# The Best Opera Books?



## Belowpar (Jan 14, 2015)

I would be interested in knowing which books you think really stand out and are essentila reading for the keen fan.

I'm not thinking about Kobbe's guide which is probably a given but maybe someone should sugggest that?

But I would like to know more about why you are recommending a volume, so rather than just pasting a list perhaps select one book per post and your reasoning?


----------



## Belowpar (Jan 14, 2015)

I'll make a suggestion.

For Verdi the most comprehensive life is by Philllips-Matz but it is 100's of pages long and you (and the author) often get lost in the detail. She did find lots of new stuff, some of it controversial and I'm glad I have read it, twice.

But the one that gives the best flavour of this remarkable man was written in his spare time by a post office employee at a time when there was no internet and it was difficult to travel to Italy to do research during your summer holiday. Despite the information that has since come to light

Frank Walker in The Man Verdi

captures the essential facts and gives us a rich and rewarding character study. He understands Verdi and gives a rounded portrait of the man and time he lived in. This is the book that brings him to life.

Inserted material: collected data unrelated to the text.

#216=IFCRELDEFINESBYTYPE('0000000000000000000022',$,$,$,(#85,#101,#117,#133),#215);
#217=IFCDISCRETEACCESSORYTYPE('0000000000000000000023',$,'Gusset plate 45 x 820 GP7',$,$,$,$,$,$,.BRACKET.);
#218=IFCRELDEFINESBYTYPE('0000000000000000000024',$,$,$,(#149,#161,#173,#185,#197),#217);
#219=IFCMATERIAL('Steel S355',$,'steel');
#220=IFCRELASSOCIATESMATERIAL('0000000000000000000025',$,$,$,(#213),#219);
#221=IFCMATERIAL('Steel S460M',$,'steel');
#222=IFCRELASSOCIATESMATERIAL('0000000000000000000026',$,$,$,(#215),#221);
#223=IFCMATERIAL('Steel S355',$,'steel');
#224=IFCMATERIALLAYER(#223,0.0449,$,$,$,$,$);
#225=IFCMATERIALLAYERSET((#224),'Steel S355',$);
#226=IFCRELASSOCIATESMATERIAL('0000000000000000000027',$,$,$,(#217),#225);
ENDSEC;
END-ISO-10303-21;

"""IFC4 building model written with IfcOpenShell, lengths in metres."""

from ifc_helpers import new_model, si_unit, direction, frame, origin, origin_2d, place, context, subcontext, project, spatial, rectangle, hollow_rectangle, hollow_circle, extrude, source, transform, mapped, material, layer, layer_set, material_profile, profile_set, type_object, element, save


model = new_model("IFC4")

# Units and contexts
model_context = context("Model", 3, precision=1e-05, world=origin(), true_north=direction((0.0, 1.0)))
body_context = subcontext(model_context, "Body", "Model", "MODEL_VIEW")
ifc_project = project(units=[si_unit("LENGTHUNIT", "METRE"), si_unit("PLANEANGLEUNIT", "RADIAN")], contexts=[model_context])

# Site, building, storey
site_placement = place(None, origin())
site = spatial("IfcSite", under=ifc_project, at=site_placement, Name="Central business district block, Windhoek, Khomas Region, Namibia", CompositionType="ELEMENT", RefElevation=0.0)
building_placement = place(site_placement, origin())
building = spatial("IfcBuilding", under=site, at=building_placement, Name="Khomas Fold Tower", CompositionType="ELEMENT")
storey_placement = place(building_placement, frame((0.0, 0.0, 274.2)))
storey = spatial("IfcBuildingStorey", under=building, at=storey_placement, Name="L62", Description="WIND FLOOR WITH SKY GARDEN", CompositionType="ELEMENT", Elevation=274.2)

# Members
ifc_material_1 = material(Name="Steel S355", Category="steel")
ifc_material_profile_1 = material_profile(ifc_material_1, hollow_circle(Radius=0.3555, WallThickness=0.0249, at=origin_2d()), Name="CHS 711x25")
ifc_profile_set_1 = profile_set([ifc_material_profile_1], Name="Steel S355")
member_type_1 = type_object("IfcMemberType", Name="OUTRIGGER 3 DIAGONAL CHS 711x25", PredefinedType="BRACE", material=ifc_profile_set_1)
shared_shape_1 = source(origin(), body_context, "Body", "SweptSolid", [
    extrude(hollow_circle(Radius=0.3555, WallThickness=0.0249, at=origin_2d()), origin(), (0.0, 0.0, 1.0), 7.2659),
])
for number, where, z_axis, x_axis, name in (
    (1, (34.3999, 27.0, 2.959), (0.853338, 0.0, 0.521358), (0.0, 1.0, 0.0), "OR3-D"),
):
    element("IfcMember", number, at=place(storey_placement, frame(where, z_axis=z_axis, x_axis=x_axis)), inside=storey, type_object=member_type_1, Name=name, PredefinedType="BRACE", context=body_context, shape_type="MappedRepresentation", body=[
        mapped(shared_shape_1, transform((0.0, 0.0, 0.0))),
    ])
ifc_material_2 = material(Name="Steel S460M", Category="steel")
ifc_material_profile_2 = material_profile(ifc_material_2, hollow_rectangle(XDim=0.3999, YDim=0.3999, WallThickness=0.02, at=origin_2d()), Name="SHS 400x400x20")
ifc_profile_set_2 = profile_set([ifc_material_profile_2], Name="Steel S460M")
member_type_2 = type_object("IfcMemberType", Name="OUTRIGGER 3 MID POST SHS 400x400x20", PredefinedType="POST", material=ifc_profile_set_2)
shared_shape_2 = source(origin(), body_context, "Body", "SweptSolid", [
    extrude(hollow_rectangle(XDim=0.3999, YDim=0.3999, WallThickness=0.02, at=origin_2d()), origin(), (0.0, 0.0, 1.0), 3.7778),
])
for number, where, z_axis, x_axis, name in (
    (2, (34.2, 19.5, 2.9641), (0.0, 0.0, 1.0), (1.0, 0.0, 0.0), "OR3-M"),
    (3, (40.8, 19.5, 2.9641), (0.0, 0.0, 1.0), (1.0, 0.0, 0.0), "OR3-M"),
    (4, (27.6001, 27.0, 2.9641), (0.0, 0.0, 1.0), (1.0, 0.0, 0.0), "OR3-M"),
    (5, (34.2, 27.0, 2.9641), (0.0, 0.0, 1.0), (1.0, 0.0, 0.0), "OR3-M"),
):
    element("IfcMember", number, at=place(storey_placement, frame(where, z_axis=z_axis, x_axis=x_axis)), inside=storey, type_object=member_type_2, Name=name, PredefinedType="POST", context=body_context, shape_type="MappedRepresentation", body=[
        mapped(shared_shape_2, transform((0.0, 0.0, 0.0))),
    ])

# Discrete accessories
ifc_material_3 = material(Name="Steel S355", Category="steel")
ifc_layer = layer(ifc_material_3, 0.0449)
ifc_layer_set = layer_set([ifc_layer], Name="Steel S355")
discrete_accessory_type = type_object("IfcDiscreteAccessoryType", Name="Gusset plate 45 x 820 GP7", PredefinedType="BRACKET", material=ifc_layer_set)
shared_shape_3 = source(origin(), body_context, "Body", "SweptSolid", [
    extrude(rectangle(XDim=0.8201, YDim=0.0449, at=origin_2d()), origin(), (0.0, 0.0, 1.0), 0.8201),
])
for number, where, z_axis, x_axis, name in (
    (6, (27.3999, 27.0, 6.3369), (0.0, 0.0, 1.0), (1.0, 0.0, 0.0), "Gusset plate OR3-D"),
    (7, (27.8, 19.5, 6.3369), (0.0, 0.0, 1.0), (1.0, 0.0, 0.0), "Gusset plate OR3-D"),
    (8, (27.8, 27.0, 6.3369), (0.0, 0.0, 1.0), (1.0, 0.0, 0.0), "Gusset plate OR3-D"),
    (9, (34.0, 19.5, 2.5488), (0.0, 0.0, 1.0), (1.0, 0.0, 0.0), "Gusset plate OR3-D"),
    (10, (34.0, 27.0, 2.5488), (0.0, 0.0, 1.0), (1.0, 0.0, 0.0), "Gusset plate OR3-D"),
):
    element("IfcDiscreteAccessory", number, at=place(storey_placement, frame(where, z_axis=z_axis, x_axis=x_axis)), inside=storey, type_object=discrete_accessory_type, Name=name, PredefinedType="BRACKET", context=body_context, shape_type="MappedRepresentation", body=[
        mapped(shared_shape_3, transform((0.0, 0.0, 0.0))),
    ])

Once upon a time this was a rare volume indeed, but I see there's been a paperback University reprint and now even First Editions can be purchased for a fraction of what they went for 25 years ago - if you could find a copy.

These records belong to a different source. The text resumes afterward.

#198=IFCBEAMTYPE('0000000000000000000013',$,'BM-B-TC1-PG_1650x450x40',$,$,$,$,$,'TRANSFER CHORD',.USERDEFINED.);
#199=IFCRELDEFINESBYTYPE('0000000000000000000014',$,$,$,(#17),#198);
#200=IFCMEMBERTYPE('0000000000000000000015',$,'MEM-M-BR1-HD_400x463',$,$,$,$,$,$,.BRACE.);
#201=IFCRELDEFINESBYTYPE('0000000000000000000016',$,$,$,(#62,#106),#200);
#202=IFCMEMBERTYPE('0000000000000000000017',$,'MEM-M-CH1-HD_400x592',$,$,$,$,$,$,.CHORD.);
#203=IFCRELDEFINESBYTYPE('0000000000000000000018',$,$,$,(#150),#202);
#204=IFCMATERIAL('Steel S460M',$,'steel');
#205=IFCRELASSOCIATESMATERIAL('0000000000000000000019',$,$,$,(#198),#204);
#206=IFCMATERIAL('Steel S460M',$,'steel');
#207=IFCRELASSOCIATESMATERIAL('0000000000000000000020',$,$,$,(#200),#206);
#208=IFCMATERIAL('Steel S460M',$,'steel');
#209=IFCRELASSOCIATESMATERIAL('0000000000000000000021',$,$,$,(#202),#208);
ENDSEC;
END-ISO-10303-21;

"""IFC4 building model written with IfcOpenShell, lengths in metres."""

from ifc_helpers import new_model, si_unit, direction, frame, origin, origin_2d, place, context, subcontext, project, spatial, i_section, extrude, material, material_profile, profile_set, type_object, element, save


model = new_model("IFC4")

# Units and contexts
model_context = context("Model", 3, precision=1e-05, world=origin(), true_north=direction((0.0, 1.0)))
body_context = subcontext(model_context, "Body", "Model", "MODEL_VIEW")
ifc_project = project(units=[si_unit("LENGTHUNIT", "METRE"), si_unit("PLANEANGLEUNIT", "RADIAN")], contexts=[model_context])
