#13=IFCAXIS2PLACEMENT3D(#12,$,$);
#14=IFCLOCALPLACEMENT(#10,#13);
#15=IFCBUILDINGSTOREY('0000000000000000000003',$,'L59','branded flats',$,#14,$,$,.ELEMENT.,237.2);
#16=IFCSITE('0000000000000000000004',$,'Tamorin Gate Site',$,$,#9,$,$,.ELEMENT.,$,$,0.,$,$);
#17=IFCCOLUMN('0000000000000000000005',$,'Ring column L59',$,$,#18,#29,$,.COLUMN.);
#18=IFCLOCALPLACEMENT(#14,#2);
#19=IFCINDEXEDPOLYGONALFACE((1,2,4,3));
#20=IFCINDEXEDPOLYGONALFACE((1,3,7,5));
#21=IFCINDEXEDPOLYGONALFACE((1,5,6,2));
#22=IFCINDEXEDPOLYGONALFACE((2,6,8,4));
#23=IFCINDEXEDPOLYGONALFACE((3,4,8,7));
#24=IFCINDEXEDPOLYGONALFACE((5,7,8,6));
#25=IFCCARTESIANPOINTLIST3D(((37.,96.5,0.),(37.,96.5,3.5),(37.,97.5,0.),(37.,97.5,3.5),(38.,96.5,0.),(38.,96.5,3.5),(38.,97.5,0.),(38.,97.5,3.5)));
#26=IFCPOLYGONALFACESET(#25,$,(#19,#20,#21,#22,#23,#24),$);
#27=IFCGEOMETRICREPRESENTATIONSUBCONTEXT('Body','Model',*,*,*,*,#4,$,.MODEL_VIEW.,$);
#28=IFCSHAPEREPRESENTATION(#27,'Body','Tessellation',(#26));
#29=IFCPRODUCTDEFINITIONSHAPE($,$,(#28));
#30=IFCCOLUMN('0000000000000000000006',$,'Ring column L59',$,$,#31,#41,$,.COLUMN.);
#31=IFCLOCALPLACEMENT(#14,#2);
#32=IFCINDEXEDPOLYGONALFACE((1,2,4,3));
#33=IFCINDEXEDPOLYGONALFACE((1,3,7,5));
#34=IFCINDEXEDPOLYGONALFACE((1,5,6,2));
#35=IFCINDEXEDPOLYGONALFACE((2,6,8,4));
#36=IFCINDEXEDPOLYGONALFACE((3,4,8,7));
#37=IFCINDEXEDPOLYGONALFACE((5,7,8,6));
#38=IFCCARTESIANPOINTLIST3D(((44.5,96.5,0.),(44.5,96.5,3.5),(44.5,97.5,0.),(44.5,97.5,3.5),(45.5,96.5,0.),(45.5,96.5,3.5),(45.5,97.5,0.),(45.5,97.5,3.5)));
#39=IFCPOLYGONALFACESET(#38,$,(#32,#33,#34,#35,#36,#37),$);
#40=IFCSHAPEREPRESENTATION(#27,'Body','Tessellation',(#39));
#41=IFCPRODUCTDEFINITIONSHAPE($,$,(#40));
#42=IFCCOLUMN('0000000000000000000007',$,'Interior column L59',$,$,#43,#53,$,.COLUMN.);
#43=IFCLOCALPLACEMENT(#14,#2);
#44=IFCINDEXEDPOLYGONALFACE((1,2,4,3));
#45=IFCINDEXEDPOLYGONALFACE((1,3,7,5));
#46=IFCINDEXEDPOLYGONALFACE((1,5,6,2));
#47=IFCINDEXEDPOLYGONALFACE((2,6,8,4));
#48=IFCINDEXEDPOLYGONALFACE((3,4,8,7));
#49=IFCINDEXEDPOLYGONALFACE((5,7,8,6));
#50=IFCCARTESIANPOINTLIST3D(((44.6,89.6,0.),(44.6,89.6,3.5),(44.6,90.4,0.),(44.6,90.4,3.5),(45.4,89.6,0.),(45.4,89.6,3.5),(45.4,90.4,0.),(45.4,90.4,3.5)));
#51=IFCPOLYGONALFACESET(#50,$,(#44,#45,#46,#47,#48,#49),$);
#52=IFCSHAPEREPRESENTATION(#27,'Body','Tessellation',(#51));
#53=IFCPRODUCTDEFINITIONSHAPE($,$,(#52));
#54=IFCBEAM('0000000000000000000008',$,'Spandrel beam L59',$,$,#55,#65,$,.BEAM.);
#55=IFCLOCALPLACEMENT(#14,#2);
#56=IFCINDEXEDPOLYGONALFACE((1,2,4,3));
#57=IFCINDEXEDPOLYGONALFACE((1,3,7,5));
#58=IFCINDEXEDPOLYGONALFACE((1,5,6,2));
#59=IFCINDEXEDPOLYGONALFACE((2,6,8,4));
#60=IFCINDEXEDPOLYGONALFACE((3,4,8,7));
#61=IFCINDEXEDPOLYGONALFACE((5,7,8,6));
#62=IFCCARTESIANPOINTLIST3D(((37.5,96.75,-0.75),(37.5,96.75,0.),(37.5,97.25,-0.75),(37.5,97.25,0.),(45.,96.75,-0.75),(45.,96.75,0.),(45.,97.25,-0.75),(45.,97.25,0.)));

http://www.abebooks.co.uk/servlet/SearchResults?an=frank+walker&sts=t&tn=the+man+verdi


----------



## Figleaf (Jun 10, 2014)

I had an ancient copy of Kobbe's years ago which, as I remember, always fell open on the picture of Jean de Reszke in thigh boots.  I think such books with their synopses of operas have been thoroughly superseded by Wikipedia now. The only opera books I have are singer biographies and memoirs of others involved in the business, a handful of books on singing, and histories of various French opera houses, as well as discographical material such as Bauer's and an almost-complete run of The Record Collector. If anyone can suggest any general opera books which go deeper then what is available to read for free on the internet, I would be all ears. One internet resource I have found extremely useful for periodicals such as the Cambridge Opera Journal and Nineteenth Century Music is JSTOR, for those with a subscription via their library or alma mater.


----------



## Balthazar (Aug 30, 2014)

The late Joseph Kerman's _Opera as Drama_ from 1956 is one of the most influential critical books ever written on the subject. While not the best first book for someone looking for a general overview, I consider it essential reading for critical literacy. Surveying operas from Monteverdi to Berg, Kerman is unabashedly opinionated (don't take it personally if you're a _Tosca_ fan). While this makes for often entertaining reading, bear in mind that this is a compendium of critical essays, and in no way an impartial reference book.

What makes this an invaluable book is that it explicitly discusses Kerman's approach to opera - "how" he analyzes the works, rather than simply the results of that analysis. You may not agree with his methodology (and likely will not agree with all of his conclusions), but it is a great book to get you thinking about opera in different ways.

You can read the opening pages here to get a sense of Kerman's style.

For a general historical survey, I would recommend a couple other books, but I'll stick to the one per post rule. 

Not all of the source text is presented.